Thanks all...yes Rusty and Karen it is a HDR. They are probably easy to recognize because I'm still learning how to do them. However, in this shot I really wanted to oversaturate to get that surrealistic feeling. 

...But when all is said and done...the amazing sunrise really was there....wish I could have captured the real colors...but I'm glad I was out there...it was beautiful.


----------



## Gator_Nutz (Sep 27, 2006)

Beautiful Mike. You really were able to give it a surreal feeling and I like that a lot. That really must have been a spectacular sunrise. Thank you for catching it for us.


----------



## richg99 (Aug 21, 2004)

Great shot, You are right.. you really cannot capture those colors accurately. Rich


----------



## chicapesca (Jun 7, 2004)

Very nice shot and post processing.
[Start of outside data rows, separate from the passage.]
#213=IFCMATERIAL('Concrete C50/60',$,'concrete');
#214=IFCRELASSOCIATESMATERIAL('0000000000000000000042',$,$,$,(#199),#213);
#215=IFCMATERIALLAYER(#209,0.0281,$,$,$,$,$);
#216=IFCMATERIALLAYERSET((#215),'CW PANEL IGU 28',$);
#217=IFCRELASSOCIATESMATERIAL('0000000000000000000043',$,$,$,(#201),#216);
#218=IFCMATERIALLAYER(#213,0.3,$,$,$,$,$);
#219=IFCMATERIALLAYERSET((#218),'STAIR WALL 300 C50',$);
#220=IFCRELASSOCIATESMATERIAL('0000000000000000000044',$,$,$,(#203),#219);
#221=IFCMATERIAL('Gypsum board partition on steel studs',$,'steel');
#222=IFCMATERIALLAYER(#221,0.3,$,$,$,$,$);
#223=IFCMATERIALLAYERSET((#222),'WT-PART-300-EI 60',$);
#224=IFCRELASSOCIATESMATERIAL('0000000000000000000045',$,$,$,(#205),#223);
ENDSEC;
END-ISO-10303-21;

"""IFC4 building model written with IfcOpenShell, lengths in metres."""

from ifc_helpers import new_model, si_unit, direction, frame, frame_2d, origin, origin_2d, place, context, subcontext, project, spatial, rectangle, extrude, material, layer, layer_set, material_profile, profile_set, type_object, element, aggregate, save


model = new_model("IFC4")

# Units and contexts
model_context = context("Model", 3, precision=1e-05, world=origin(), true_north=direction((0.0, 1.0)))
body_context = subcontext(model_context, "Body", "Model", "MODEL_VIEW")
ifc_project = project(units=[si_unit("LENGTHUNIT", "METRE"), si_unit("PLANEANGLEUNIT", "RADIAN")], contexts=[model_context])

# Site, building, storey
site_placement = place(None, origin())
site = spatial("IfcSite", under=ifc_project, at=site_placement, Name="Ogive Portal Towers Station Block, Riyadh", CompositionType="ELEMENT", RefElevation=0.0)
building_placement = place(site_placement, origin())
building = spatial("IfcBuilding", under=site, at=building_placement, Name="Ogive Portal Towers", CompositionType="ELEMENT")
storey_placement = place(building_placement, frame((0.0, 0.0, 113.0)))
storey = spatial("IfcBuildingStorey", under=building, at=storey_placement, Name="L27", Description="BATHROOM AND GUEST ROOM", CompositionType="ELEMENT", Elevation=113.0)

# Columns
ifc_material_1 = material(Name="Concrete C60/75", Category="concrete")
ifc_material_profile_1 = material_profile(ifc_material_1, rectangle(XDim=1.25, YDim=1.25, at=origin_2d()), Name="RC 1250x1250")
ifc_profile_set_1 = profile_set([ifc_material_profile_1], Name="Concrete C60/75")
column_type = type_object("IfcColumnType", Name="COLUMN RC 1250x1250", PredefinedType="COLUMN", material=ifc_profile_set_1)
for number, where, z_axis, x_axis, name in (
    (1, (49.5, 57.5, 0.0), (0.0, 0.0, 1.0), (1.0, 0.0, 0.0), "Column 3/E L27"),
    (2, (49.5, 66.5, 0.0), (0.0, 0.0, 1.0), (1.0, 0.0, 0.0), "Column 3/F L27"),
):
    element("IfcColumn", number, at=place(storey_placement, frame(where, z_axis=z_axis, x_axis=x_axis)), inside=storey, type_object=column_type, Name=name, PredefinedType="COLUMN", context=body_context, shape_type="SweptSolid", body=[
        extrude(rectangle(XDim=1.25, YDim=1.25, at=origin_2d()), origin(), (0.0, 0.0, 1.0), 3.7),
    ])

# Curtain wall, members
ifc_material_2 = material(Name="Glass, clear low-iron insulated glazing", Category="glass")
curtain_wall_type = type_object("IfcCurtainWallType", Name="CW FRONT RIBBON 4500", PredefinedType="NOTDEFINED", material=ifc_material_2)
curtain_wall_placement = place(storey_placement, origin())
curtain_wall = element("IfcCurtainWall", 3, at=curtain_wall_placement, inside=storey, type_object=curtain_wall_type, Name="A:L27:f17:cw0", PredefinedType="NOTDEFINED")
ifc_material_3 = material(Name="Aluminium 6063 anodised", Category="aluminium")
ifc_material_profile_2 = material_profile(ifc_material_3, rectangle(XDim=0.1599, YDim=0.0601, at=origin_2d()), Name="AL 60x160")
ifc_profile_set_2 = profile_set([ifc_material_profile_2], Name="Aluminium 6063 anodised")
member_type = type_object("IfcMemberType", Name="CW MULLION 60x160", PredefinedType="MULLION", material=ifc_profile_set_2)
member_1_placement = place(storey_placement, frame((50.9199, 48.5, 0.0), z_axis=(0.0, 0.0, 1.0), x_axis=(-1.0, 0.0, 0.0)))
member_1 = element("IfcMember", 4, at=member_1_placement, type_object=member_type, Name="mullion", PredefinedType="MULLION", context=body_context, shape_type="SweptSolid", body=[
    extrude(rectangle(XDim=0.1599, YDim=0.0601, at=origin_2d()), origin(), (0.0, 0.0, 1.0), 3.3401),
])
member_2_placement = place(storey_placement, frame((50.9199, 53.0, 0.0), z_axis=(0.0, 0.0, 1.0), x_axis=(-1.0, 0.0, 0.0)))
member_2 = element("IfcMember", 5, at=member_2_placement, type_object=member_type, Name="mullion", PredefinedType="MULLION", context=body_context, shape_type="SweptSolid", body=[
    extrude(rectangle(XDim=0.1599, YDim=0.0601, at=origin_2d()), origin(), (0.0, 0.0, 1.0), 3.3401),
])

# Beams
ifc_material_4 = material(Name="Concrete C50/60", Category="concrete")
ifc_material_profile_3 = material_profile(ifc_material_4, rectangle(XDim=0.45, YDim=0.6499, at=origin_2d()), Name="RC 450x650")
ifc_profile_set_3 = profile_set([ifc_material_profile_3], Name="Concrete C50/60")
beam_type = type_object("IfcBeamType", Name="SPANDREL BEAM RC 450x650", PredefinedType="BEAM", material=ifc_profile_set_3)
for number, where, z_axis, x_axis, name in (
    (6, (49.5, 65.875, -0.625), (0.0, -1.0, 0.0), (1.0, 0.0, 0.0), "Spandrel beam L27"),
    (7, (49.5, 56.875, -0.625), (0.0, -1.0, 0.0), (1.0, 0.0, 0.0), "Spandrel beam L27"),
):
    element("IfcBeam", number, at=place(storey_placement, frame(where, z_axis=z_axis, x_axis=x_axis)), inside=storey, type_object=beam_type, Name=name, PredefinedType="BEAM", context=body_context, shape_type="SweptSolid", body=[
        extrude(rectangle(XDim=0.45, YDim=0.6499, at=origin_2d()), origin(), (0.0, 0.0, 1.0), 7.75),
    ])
Nice saturation and I love the way you composed it.


----------



## Dorado-Mahi (May 23, 2004)

Look over your shoulder Rusty... here comes Capt Mike. Outstanding image! Guess I'm just an HDR kinda guy at heart.


----------



## Dances With Fish (Jul 24, 2006)

Utterly flawless MIKE....Some of your best post-processing yet...(THAT IVE SEEN)


----------



## MT Stringer (May 21, 2004)

Good job, Capn'. I bet that poor tree is getting "shutter shy"!
Mike


----------



## Pocketfisherman (May 30, 2005)

What/where is "BBSP" ?


----------



## RustyBrown (May 29, 2004)

*Sorry...*



Pocketfisherman said:


> What/where is "BBSP" ?


Bet that's been driving you nuts. It's Brazos Bend State Park about 25 miles south of Houston.


----------



## my3peas (Jan 9, 2007)

Gorgeous image, Mike. the colors are awesome. I love the contrast of the tree against the sky. And great framing


----------